Read a timeline of the project’s activities here.

Linking Local and Global Movements

The Borneo Project links grassroots indigenous campaigns with the global fight for climate action. The project works to bring aligned communities together across borders to strengthen these movements and influence policy at the international level.

Securing Land Rights to Fight Climate Change

Our local work supporting indigenous communities to secure land rights is a crucial part of the global fight to combat climate change.

Loss of forests contributes as much as 30 percent of global greenhouse-gas emissions each year–rivaling emissions from the global transportation sector. Protecting forests, while also reducing fossil fuel emissions, is critical in order to stabilize the climate, preserve global biodiversity, sustain the global economy, and protect the livelihoods of billions of people.

Securing indigenous land rights is a proven way to protect forests. In a recent study, the World Resources Institute (WRI) found that in the Amazon regions of Bolivia, Brazil, and Colombia, in territories where indigenous peoples held titles to their land, deforestation rates were two to three times lower than in areas with similar forests. Forests under the control of indigenous communities tend to be healthier, storing more carbon than similar lands without the same protection. Forests protected by indigenous communities are also associated with lower rates of deforestation, resulting in fewer greenhouse gas emissions.

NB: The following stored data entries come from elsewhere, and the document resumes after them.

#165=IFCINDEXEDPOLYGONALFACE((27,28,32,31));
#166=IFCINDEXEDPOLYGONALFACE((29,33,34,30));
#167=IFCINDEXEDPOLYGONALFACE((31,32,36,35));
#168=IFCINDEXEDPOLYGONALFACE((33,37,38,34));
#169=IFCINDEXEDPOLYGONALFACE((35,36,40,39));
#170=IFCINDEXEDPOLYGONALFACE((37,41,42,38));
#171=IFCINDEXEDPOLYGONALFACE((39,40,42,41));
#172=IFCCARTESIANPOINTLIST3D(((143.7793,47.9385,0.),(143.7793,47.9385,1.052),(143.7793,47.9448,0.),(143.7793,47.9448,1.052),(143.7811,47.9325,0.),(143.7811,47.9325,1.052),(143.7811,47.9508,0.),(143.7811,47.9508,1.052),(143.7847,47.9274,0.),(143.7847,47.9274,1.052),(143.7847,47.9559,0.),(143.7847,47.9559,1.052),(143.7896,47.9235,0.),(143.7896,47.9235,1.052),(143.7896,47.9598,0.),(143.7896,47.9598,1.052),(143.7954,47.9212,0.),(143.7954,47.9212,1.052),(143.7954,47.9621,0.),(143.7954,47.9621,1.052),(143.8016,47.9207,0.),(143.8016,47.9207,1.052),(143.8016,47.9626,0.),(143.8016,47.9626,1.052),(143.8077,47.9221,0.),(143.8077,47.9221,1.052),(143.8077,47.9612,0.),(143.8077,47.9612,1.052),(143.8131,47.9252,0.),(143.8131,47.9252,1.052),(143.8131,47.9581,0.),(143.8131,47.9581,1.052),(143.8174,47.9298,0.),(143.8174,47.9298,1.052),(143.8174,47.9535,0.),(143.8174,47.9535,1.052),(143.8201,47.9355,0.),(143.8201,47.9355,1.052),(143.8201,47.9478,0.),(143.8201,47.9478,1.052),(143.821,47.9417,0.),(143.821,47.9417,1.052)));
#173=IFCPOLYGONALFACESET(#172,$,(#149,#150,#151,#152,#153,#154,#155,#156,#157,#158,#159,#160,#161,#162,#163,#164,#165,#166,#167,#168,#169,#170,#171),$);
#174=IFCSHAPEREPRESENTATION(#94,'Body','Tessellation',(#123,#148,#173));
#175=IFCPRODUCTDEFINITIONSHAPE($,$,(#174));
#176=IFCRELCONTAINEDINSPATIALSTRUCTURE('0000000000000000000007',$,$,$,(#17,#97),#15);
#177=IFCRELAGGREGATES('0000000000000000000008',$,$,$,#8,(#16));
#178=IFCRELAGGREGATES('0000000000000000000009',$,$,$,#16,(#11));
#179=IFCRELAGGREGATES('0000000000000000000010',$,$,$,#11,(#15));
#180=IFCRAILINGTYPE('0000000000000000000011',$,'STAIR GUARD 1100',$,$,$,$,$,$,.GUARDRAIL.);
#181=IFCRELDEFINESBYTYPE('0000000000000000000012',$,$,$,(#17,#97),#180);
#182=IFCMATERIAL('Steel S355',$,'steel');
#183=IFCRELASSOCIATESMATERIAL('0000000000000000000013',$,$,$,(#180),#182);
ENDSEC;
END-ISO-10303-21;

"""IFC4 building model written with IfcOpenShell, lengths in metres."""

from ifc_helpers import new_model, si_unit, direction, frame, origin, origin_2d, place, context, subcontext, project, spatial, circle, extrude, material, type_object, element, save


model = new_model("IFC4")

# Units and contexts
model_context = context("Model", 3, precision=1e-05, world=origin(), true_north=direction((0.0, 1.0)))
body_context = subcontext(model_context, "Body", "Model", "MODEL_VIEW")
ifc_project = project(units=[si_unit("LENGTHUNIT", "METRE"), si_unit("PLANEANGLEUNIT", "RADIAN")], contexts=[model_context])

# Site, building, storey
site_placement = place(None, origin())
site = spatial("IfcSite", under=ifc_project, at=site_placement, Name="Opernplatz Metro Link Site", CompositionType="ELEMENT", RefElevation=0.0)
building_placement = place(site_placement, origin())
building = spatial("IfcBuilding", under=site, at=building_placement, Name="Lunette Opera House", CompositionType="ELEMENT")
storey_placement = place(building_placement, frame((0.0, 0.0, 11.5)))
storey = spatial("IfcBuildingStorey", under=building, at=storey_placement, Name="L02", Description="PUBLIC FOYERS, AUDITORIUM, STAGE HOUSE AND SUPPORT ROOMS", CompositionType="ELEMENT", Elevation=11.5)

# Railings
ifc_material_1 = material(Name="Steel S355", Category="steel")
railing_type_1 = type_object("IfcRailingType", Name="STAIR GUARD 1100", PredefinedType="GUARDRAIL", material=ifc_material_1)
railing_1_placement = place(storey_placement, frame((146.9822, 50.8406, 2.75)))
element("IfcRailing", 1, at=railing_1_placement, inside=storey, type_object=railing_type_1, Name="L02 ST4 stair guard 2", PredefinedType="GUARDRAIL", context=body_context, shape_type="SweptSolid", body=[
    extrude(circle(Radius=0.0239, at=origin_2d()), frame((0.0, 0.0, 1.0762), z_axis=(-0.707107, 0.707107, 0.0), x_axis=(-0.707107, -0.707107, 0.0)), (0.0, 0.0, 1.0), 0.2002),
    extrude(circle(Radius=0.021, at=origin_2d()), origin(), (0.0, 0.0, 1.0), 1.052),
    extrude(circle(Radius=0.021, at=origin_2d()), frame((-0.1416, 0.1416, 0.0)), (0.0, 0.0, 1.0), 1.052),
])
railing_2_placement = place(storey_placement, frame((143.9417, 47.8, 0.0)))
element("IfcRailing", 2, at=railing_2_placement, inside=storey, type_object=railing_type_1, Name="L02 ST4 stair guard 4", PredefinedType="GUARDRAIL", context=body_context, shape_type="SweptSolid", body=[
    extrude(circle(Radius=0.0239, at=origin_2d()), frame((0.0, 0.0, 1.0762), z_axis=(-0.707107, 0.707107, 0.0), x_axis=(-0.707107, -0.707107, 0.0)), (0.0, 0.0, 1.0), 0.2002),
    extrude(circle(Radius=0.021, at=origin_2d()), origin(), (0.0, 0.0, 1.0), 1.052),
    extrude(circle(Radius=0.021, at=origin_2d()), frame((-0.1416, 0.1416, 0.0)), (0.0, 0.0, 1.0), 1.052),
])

Clearly, the well-being of forests makes a difference to all the world’s people, whether we live on forested land or far away from it. Over the years the Borneo Project has supported indigenous communities in Sarawak in their fights to gain legal rights over their land through legal aid grants and mapping projects. We also connect grassroots movements in Sarawak to global indigenous rights movements, strengthening the ties between communities to influence domestic and international policy.